We have tested on several compilers in macOS and Linux, and find broadly the same results. Regression tests are passed (bitwise identical results of ASCII output files, with default (6 digit) floating point precision output) on both Clang and GCC on Linux, but not on macOS in either. We have not yet investigated the root cause of the differences on macOS. Further testing of optimisation flags needs to be performed.

Has any sort of automated code checking been applied?

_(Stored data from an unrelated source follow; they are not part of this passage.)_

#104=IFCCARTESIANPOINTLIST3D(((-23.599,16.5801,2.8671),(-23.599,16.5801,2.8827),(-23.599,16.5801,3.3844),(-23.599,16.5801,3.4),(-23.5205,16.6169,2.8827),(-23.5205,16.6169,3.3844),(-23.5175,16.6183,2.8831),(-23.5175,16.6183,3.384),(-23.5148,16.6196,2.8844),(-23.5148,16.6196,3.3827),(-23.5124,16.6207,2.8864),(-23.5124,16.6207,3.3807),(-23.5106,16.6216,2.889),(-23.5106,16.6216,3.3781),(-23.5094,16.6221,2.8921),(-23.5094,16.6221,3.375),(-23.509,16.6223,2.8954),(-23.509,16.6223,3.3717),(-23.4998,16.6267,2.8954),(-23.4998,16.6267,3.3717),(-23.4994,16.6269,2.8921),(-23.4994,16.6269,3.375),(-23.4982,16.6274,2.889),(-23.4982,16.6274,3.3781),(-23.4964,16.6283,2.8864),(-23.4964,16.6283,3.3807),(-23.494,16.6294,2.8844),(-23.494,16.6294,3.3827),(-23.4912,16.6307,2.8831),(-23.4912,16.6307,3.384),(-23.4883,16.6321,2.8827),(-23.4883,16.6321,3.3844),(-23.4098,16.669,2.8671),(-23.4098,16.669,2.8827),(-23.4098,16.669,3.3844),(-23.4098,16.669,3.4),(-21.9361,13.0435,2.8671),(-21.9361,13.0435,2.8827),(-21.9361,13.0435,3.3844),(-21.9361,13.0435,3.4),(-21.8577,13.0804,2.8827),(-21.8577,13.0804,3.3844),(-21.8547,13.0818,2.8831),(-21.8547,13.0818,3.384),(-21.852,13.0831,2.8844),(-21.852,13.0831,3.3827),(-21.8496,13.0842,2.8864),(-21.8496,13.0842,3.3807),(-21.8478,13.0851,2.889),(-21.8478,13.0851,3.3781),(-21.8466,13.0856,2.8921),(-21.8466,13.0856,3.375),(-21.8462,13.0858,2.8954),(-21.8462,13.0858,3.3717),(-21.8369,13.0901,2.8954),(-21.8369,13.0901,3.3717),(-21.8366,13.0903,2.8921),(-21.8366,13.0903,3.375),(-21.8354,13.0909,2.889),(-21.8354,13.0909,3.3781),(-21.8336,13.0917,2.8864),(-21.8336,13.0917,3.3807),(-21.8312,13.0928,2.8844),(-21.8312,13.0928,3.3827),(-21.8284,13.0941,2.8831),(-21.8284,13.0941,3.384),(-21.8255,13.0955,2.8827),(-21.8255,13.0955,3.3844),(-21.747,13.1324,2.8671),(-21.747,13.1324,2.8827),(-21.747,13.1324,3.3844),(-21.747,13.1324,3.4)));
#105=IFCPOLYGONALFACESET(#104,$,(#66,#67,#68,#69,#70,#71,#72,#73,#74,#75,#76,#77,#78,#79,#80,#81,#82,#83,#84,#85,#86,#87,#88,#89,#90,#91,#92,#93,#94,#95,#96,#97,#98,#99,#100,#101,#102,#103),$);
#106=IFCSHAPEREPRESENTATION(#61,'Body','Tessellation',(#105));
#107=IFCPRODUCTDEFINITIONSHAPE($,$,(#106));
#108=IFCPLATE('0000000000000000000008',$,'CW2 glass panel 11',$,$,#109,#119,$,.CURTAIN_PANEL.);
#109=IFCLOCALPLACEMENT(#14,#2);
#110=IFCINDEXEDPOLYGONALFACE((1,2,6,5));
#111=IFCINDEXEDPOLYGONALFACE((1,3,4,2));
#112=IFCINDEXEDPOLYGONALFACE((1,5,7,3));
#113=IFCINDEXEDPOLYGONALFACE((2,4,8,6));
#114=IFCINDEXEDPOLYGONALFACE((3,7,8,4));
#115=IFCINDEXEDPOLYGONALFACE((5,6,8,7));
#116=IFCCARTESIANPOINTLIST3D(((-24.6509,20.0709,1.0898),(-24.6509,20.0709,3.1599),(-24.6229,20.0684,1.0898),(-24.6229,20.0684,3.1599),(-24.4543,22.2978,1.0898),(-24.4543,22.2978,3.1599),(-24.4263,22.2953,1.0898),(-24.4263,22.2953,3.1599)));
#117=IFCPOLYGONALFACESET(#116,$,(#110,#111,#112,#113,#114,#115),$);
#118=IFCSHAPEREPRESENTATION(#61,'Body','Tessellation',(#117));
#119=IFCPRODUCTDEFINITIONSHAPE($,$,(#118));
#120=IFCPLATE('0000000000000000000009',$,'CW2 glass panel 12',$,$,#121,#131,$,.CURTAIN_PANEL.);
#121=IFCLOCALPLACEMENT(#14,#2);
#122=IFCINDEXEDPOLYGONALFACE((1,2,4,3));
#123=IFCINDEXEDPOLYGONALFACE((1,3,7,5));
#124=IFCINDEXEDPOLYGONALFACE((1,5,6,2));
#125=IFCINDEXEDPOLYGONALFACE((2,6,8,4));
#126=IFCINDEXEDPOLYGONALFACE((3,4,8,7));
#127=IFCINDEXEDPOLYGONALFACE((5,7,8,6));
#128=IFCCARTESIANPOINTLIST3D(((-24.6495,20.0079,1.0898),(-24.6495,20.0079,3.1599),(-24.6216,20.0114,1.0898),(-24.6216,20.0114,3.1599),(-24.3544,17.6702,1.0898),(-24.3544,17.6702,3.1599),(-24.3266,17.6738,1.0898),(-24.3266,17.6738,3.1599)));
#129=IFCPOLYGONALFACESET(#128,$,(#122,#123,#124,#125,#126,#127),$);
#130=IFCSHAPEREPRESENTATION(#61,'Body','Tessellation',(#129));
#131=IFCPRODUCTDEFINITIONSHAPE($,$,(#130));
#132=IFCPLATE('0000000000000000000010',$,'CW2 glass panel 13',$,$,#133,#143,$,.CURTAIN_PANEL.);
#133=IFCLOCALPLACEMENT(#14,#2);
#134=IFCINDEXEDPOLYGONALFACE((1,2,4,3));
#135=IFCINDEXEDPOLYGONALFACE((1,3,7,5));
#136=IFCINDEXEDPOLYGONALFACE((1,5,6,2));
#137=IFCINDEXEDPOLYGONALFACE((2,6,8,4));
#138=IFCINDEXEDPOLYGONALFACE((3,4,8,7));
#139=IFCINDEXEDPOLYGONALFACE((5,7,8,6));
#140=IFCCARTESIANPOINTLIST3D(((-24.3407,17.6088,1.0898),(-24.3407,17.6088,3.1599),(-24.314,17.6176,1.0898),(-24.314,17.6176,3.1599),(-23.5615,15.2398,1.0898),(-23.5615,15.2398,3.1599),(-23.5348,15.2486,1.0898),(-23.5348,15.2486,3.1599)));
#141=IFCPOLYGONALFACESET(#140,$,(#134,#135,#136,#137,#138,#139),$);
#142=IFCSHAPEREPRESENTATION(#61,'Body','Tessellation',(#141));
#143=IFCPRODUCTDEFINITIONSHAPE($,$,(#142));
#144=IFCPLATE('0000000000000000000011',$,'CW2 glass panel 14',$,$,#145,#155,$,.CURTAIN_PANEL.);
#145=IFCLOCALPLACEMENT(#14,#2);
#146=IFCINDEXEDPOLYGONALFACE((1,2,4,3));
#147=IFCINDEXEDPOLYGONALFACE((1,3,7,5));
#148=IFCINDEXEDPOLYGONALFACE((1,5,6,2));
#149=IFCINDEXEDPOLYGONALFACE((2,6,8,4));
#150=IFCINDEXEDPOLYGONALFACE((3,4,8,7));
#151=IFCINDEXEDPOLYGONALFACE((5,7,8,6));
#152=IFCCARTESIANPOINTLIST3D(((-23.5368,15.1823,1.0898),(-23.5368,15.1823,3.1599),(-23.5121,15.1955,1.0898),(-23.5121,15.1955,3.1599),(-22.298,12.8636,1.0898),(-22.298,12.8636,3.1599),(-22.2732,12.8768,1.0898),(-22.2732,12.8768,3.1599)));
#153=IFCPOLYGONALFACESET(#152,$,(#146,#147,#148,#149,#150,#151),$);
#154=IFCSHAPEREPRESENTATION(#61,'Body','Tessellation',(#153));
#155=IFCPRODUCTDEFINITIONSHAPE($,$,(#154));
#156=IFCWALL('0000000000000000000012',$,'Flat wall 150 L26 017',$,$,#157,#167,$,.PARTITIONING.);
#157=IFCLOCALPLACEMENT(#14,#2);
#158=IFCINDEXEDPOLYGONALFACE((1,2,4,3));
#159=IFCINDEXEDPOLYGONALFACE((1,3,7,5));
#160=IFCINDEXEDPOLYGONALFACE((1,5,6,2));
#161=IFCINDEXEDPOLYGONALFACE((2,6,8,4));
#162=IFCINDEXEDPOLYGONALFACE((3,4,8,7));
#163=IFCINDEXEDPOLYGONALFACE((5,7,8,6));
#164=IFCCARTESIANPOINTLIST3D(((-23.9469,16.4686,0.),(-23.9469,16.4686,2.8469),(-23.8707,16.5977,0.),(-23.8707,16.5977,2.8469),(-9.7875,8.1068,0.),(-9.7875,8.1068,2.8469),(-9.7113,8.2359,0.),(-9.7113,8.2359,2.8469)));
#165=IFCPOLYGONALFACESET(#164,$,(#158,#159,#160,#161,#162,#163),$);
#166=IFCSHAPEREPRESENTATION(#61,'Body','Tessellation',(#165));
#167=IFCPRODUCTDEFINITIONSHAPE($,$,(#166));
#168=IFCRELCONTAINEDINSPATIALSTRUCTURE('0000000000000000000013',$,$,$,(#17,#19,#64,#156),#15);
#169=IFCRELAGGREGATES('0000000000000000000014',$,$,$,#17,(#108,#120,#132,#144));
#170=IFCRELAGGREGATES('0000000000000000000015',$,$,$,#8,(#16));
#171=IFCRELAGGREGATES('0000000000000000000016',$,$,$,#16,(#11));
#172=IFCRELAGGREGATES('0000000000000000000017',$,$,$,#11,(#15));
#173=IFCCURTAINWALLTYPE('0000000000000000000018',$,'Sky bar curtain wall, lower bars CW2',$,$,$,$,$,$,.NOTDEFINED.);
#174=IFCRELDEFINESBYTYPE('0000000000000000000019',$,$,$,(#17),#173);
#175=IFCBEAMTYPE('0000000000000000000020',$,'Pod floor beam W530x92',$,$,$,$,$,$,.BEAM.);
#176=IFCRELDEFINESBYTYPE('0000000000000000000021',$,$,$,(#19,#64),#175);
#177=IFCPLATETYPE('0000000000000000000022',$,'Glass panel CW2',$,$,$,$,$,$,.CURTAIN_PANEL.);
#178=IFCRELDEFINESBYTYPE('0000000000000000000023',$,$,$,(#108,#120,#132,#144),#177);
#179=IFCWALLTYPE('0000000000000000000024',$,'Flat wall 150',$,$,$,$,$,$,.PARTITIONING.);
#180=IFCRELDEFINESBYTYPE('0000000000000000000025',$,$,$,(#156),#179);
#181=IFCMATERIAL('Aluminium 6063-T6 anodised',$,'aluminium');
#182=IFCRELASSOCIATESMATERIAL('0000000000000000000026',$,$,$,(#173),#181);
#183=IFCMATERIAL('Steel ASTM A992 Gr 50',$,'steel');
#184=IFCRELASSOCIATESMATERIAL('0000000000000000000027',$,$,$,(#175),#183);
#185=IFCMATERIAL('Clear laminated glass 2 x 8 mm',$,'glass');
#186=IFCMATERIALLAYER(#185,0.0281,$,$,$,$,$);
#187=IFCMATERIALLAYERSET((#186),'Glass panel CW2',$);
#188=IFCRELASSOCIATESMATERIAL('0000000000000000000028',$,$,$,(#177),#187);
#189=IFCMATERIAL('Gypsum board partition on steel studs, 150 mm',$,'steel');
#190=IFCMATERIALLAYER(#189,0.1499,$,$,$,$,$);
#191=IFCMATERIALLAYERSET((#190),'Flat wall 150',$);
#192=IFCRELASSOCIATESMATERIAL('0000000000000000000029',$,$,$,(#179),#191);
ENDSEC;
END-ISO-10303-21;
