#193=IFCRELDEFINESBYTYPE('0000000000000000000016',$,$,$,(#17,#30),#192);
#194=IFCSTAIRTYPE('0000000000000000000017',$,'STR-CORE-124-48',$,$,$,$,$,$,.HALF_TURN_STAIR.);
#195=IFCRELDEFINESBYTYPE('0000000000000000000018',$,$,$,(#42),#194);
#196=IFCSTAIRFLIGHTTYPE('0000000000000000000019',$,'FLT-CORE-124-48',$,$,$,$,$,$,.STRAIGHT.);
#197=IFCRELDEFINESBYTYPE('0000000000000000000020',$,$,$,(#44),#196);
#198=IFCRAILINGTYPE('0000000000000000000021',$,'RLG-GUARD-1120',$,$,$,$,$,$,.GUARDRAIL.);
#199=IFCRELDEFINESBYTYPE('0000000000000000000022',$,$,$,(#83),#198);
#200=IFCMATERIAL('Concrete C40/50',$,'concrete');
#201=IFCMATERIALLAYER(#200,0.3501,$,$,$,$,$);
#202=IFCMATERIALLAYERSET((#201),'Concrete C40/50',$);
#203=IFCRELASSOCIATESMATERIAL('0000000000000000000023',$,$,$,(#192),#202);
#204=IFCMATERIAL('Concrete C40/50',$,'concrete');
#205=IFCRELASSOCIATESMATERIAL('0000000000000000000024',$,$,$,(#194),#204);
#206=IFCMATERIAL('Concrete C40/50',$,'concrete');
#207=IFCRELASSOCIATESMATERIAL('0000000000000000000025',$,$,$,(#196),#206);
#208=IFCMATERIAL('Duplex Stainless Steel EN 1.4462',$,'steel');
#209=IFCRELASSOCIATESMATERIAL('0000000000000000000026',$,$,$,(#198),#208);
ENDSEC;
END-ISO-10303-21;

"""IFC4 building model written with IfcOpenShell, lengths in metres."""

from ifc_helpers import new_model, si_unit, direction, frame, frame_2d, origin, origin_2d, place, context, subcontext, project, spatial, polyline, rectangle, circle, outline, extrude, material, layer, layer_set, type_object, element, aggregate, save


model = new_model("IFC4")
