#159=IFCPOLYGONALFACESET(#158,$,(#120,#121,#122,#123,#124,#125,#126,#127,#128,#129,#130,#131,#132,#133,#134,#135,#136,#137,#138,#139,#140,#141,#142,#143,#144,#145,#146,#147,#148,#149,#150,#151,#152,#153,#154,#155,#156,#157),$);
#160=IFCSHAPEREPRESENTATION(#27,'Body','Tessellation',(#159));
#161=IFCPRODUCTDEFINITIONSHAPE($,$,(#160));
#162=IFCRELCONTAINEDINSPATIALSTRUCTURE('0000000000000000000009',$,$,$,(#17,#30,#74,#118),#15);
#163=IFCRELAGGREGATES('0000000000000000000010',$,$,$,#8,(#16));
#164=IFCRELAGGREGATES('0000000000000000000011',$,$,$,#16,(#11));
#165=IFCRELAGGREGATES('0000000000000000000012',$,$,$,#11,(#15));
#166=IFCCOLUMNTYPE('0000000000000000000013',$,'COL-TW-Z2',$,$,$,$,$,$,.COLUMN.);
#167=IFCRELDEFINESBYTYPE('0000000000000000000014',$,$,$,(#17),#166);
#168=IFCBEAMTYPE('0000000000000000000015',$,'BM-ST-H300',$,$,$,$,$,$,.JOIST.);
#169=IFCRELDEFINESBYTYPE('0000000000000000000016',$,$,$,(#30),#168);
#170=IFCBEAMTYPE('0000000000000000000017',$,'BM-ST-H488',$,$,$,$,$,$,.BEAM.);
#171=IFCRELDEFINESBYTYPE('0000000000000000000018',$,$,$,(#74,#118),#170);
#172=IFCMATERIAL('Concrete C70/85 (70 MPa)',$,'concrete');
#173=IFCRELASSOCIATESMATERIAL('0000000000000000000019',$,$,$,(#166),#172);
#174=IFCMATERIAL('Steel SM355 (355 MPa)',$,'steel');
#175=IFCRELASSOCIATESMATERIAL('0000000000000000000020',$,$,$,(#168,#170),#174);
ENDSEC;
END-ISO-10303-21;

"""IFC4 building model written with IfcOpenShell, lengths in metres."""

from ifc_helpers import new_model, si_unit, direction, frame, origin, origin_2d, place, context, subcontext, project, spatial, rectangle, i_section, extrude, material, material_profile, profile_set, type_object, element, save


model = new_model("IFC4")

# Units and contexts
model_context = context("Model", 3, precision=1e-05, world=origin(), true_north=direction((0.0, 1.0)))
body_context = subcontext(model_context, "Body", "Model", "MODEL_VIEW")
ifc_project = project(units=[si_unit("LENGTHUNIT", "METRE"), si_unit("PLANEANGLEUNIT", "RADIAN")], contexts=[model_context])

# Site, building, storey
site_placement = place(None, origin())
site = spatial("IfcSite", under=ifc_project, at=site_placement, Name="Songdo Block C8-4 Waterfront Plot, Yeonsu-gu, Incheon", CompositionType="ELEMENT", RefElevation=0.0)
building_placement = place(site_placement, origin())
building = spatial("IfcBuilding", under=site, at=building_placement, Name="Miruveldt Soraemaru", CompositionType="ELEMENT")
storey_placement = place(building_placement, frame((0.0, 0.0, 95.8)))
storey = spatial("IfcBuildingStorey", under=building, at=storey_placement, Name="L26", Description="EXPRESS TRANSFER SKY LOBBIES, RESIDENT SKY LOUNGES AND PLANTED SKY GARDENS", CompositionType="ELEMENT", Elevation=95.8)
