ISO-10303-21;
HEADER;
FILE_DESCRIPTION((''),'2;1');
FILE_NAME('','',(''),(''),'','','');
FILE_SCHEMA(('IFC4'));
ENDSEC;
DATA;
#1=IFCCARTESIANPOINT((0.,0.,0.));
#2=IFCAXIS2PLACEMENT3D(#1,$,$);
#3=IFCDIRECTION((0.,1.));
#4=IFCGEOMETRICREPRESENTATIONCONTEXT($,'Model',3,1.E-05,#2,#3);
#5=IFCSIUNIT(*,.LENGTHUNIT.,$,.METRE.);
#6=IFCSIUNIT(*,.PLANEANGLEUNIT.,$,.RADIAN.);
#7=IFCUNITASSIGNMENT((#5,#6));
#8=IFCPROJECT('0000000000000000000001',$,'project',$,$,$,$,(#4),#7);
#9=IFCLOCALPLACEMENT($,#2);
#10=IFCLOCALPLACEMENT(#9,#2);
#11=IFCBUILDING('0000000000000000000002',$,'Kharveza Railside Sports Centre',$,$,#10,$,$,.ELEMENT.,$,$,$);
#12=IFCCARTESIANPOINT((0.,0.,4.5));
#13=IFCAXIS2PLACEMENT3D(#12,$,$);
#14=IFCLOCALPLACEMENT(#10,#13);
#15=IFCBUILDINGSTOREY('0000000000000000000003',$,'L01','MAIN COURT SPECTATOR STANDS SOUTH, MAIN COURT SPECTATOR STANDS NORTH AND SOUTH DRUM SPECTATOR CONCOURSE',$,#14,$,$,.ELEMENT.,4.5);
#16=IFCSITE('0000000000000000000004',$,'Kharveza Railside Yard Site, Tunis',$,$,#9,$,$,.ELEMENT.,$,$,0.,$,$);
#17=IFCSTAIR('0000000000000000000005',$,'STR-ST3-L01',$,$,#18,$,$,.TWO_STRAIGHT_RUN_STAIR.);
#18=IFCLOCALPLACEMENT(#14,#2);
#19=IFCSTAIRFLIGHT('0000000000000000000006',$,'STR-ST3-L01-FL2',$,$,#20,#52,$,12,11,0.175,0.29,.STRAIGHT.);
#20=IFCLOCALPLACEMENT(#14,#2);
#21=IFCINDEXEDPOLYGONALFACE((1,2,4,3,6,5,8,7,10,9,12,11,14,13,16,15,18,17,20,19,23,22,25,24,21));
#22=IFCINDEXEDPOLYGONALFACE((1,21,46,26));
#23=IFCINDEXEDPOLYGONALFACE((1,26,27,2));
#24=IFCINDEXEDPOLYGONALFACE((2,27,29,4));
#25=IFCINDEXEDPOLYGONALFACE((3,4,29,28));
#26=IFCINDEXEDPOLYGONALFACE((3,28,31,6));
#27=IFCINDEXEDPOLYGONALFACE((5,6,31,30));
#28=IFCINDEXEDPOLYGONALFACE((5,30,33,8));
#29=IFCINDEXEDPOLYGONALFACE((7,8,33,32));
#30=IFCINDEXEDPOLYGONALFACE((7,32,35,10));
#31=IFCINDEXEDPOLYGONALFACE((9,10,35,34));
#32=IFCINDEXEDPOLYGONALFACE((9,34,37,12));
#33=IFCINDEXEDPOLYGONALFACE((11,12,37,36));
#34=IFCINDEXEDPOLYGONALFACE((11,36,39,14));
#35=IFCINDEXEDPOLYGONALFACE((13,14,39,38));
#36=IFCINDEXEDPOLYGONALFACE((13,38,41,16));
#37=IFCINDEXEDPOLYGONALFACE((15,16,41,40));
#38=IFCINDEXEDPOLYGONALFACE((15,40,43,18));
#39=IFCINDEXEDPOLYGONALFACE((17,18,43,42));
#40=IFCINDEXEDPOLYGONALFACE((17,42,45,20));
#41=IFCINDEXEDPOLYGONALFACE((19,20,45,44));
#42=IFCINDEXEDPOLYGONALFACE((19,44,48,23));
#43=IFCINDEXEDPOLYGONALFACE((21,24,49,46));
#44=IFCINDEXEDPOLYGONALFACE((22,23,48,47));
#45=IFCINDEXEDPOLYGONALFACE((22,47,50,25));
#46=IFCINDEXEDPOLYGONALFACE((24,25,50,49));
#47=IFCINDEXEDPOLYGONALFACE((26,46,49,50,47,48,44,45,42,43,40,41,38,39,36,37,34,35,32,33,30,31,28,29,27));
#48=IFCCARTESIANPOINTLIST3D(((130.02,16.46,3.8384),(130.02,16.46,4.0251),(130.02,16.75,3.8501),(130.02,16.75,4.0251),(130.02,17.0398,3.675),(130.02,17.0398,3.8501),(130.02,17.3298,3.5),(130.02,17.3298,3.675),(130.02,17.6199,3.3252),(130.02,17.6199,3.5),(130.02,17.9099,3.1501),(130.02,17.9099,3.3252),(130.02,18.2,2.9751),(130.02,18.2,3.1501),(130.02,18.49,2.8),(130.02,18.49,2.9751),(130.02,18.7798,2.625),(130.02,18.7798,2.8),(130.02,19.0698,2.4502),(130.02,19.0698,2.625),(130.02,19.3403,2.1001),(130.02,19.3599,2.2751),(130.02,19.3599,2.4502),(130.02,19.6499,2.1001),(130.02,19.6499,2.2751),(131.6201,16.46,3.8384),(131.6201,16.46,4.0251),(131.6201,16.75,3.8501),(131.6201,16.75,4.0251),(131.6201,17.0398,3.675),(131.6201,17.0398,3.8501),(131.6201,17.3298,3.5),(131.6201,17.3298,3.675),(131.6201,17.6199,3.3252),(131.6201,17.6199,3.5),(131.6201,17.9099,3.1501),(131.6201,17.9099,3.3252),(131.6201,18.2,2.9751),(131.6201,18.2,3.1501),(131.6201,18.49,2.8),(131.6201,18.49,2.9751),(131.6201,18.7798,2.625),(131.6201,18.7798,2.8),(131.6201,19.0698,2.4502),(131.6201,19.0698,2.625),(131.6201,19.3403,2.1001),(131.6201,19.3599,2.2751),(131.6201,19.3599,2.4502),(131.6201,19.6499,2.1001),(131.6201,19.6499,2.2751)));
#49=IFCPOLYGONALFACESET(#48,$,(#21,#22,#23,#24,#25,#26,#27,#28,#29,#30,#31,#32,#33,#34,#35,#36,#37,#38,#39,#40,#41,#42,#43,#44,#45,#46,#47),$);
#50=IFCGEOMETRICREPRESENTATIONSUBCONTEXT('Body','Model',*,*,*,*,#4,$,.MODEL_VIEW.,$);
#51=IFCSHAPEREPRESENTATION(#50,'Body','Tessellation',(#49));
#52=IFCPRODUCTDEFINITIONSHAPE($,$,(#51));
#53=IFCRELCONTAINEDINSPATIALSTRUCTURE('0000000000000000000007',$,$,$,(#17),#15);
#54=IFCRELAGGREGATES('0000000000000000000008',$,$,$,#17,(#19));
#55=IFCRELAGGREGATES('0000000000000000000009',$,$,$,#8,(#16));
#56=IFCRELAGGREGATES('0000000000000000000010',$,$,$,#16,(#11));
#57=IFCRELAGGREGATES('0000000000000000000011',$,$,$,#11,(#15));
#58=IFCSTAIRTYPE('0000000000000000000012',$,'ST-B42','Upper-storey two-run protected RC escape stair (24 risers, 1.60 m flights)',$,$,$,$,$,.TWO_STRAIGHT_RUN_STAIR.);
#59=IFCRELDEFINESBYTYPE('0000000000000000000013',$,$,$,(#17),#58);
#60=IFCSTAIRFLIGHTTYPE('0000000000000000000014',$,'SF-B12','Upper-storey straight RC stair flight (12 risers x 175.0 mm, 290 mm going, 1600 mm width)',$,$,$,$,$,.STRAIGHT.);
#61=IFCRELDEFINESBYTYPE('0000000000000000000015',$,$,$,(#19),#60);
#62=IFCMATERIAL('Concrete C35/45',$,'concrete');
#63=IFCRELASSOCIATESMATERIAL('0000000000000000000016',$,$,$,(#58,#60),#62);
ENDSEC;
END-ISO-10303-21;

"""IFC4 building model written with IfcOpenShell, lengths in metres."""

from ifc_helpers import new_model, si_unit, direction, frame, origin, place, context, subcontext, project, spatial, polyline, outline, extrude, material, type_object, element, aggregate, save


model = new_model("IFC4")

# Units and contexts
model_context = context("Model", 3, precision=1e-05, world=origin(), true_north=direction((0.0, 1.0)))
body_context = subcontext(model_context, "Body", "Model", "MODEL_VIEW")
ifc_project = project(units=[si_unit("LENGTHUNIT", "METRE"), si_unit("PLANEANGLEUNIT", "RADIAN")], contexts=[model_context])

# Site, building, storey
site_placement = place(None, origin())
site = spatial("IfcSite", under=ifc_project, at=site_placement, Name="Kharveza Railside Yard Site, Tunis", CompositionType="ELEMENT", RefElevation=0.0)
building_placement = place(site_placement, origin())
building = spatial("IfcBuilding", under=site, at=building_placement, Name="Kharveza Railside Sports Centre", CompositionType="ELEMENT")
storey_placement = place(building_placement, frame((0.0, 0.0, 4.5)))
storey = spatial("IfcBuildingStorey", under=building, at=storey_placement, Name="L01", Description="MAIN COURT SPECTATOR STANDS SOUTH, MAIN COURT SPECTATOR STANDS NORTH AND SOUTH DRUM SPECTATOR CONCOURSE", CompositionType="ELEMENT", Elevation=4.5)

# Shared definitions
ifc_material_1 = material(Name="Concrete C35/45", Category="concrete")

# Stair, stair flight
stair_type = type_object("IfcStairType", Name="ST-B42", Description="Upper-storey two-run protected RC escape stair (24 risers, 1.60 m flights)", PredefinedType="TWO_STRAIGHT_RUN_STAIR", material=ifc_material_1)
stair_placement = place(storey_placement, origin())
stair = element("IfcStair", 1, at=stair_placement, inside=storey, type_object=stair_type, Name="STR-ST3-L01", PredefinedType="TWO_STRAIGHT_RUN_STAIR")
stair_flight_type = type_object("IfcStairFlightType", Name="SF-B12", Description="Upper-storey straight RC stair flight (12 risers x 175.0 mm, 290 mm going, 1600 mm width)", PredefinedType="STRAIGHT", material=ifc_material_1)
stair_flight_placement = place(storey_placement, frame((130.8201, 19.6499, 2.1001), z_axis=(0.0, 0.0, 1.0), x_axis=(0.0, -1.0, 0.0)))
stair_flight = element("IfcStairFlight", 2, at=stair_flight_placement, type_object=stair_flight_type, Name="STR-ST3-L01-FL2", NumberOfRisers=12, NumberOfTreads=11, PredefinedType="STRAIGHT", RiserHeight=0.175, TreadLength=0.29, context=body_context, shape_type="SweptSolid", body=[
    extrude(outline(polyline([(0.0, 0.0), (0.0, 0.175), (0.29, 0.175), (0.29, 0.3501), (0.5801, 0.3501), (0.5801, 0.5249), (0.8701, 0.5249), (0.8701, 0.7), (1.1599, 0.7), (1.1599, 0.875), (1.45, 0.875), (1.45, 1.05), (1.74, 1.05), (1.74, 1.2251), (2.03, 1.2251), (2.03, 1.3999), (2.3201, 1.3999), (2.3201, 1.575), (2.6101, 1.575), (2.6101, 1.75), (2.8999, 1.75), (2.8999, 1.925), (3.1899, 1.925), (3.1899, 2.1001), (3.1899, 1.7383), (0.3096, 0.0), (0.0, 0.0)])), frame((0.0, 0.8, 0.0), z_axis=(0.0, -1.0, 0.0), x_axis=(1.0, 0.0, 0.0)), (0.0, 0.0, 1.0), 1.6001),
])
aggregate(stair, [stair_flight])

save(model, "model.ifc")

  • For C++, this might just be the compiler output when run with "all warnings". It could also be more extensive static analysis. For other languages, it could be e.g. pylint, StaticLint.jl, etc.
  • If there are possible issues reported by such a tool, have they all been either fixed or understood to not be important?
  • Sufficiently addressed
  • Some work remaining or caveats
  • Needs to be addressed

We enable all compiler warnings with GCC and use Clang Static Analyzer. There are currently no warnings. We have integrated CODACY and get a B grade. There are 126 total issues, 107 of which are for code style, 6 are "error prone" code patterns, 13 are for performance. The "error-prone" warnings need to be fixed.

Is the code clean, generally understandable and readable and written according to good software engineering principles?

  • Is it modular? Are the internal implementation details of one module hidden from other modules?
  • Commented where necessary?
  • Avoiding red flags such as very long functions, global variables, copy and pasted code, etc.?
  • Sufficiently addressed
  • Some work remaining or caveats
  • Needs to be addressed

Code has been split into classes, but all member variables are public (i.e. poor encapsulation). Functions are generally not too long. There are minimal or no global variables. Addressing the public member variables is a high priority.

Is there sufficient documentation?

  • Is there a readme?
  • Does the code have user documentation?
  • Does the code have developer documentation?
  • Does the code have algorithm documentation? e.g. something that describes how the model is actually simulated, or inference is performed?
  • Is all the documentation up to date?
  • Sufficiently addressed
  • Some work remaining or caveats
  • Needs to be addressed

There is a README which explains how to run the code. The example input files contain comments next to each parameter. There is a Doxygen configuration file, but Doxygen is not run automatically in CI. The existing documentation is up-to-date. The code has reasonable Doxygen comments. There is little other developer documentation beyond describing how to run tests etc. There is no algorithm documentation. The main outstanding issue is that there is no detailed documentation for how to use the code to do something specific.

Is there suitable collaboration infrastructure?

  • Is the code in a version-controlled repository?
  • Is there a license?
  • Is an issue tracker used?
  • Are there contribution guidelines?
  • Sufficiently addressed
  • Some work remaining or caveats
  • Needs to be addressed

The code is stored in a GitHub repository, and the issue tracker and pull requests are used as part of development, though not for the main work by the model owner. There is a licence and contribution guidelines.

Are software dependencies listed and of appropriate quality?

  • Sufficiently addressed
  • Some work remaining or caveats
  • Needs to be addressed

The only external dependency is MPI, a standard interface, and implementations are usually of high quality. The code does not depend on a specific implementation.

Is input and output data handled carefully?

  • Does the code use the data pipeline for all inputs and outputs?
  • Is the code appropriately parameterized (i.e. have hard coded parameters been removed)?
  • Sufficiently addressed
  • Some work remaining or caveats
  • Needs to be addressed

The code is not yet using the data pipeline (#366 and #367). All parameters are specified in the input file, not the source code.